2. Fine-Tune the Model

In [10]:
training_args = TrainingArguments(
    output_dir="/tmp/gpt2_peft",
    per_device_train_batch_size=8,
    per_device_eval_batch_size=8,
    num_train_epochs=1,
    evaluation_strategy="epoch",
    save_strategy="epoch",
)
trainer = Trainer(
    model=peft_model,
    args=training_args,
    train_dataset=encoded_dataset["train"],
    eval_dataset=encoded_dataset["validation"],
    compute_metrics=compute_metrics,
)
trainer.train()
peft_model.save_pretrained("/tmp/gpt2_peft_lora")


Epoch,Training Loss,Validation Loss,Accuracy
1,1.1545,1.068019,0.6195


###  ⚠️ IMPORTANT ⚠️

Due to workspace storage constraints, you should not store the model weights in the same directory but rather use `/tmp` to avoid workspace crashes which are irrecoverable.
Ensure you save it in /tmp always.

In [13]:
# Saving the model
model.save_pretrained("/tmp/model")
tokenizer.save_pretrained("/tmp/model")

('/tmp/model/tokenizer_config.json',
 '/tmp/model/special_tokens_map.json',
 '/tmp/model/vocab.json',
 '/tmp/model/merges.txt',
 '/tmp/model/added_tokens.json')

## Performing Inference with a PEFT Model

TODO: In the cells below, load the saved PEFT model weights and evaluate the performance of the trained PEFT model. Be sure to compare the results to the results from prior to fine-tuning.

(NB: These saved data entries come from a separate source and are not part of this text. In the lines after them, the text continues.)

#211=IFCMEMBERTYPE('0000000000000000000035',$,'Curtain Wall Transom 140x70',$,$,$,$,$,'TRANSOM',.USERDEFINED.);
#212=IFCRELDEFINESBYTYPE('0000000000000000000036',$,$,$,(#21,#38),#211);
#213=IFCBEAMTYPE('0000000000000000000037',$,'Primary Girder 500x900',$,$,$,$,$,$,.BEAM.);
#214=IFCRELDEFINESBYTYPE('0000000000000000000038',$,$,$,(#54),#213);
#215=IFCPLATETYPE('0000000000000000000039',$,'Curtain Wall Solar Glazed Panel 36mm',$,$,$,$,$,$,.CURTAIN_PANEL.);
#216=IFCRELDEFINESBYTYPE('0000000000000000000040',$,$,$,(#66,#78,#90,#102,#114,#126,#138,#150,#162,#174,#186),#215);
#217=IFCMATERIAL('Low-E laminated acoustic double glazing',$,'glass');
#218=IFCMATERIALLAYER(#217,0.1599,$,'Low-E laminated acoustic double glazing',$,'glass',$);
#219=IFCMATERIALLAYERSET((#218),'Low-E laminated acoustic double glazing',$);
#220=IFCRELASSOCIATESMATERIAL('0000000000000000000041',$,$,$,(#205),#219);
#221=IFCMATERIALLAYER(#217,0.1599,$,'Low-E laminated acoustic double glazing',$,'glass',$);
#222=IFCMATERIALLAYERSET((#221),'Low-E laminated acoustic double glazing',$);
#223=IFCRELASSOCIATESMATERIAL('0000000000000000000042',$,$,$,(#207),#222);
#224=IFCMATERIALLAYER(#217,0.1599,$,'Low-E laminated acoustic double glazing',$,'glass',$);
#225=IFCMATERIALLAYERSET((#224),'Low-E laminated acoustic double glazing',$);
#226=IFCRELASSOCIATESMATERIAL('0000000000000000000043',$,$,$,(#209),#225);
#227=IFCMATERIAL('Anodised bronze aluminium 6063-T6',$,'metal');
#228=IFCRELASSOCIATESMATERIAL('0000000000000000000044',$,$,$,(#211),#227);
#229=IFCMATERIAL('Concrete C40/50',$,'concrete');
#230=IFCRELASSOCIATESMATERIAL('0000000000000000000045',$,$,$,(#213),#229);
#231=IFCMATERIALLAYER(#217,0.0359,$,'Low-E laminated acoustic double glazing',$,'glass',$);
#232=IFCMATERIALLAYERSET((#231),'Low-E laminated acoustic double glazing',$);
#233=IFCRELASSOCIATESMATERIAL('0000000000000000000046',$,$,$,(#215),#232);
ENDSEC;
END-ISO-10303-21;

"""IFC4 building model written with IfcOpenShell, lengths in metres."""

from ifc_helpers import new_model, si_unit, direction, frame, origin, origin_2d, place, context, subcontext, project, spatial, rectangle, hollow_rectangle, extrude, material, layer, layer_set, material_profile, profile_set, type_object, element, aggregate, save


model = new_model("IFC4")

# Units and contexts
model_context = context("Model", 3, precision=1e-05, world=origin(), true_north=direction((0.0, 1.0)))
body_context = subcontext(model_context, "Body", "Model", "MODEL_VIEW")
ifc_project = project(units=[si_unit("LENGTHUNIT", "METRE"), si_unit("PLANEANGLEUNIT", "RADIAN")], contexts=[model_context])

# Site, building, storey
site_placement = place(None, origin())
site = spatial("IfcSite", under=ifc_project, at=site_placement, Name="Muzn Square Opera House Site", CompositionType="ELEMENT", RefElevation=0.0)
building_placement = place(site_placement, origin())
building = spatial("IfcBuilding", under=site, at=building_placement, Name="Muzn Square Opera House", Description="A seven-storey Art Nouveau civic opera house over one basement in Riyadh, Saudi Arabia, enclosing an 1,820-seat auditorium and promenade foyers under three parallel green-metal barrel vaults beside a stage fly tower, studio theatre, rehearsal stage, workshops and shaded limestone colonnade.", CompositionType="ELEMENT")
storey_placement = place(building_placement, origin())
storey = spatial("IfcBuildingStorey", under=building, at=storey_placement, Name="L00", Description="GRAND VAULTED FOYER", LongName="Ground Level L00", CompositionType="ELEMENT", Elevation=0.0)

1. Load the Fine-Tuned Model

In [14]:
from peft import PeftModel

peft_model = PeftModel.from_pretrained(model, "/tmp/gpt2_peft_lora")
trainer = Trainer(
    model=peft_model,
    args=training_args,
    eval_dataset=encoded_dataset["validation"],
    compute_metrics=compute_metrics,
)


2. Evaluate the Fine-Tuned Model and Compare

In [15]:
peft_metrics = trainer.evaluate()
print("Baseline:", baseline_metrics)
print("PEFT Fine-Tuned:", peft_metrics)


Baseline: {'eval_loss': 4.240687847137451, 'eval_accuracy': 0.285, 'eval_runtime': 424.1897, 'eval_samples_per_second': 4.715, 'eval_steps_per_second': 0.589}
PEFT Fine-Tuned: {'eval_loss': 1.0680186748504639, 'eval_accuracy': 0.6195, 'eval_runtime': 8.8185, 'eval_samples_per_second': 226.796, 'eval_steps_per_second': 28.35}


The experiment shows that the original GPT-2 foundation model performs poorly at emotion classification (accuracy ≈ 28.5%). However, after applying LoRA-based parameter-efficient fine-tuning for just one epoch, validation accuracy rose to nearly 62%. This demonstrates the effectiveness of PEFT for adapting large language models to custom text classification tasks with minimal computational cost.

Stage   	Accuracy	Eval Loss	What it means
Baseline 	0.285   	4.24     	Pretrained, not tuned for emotions—almost random
PEFT LoRA 	0.6195   	1.07    	Model now specialized for emotion detection—good improvement!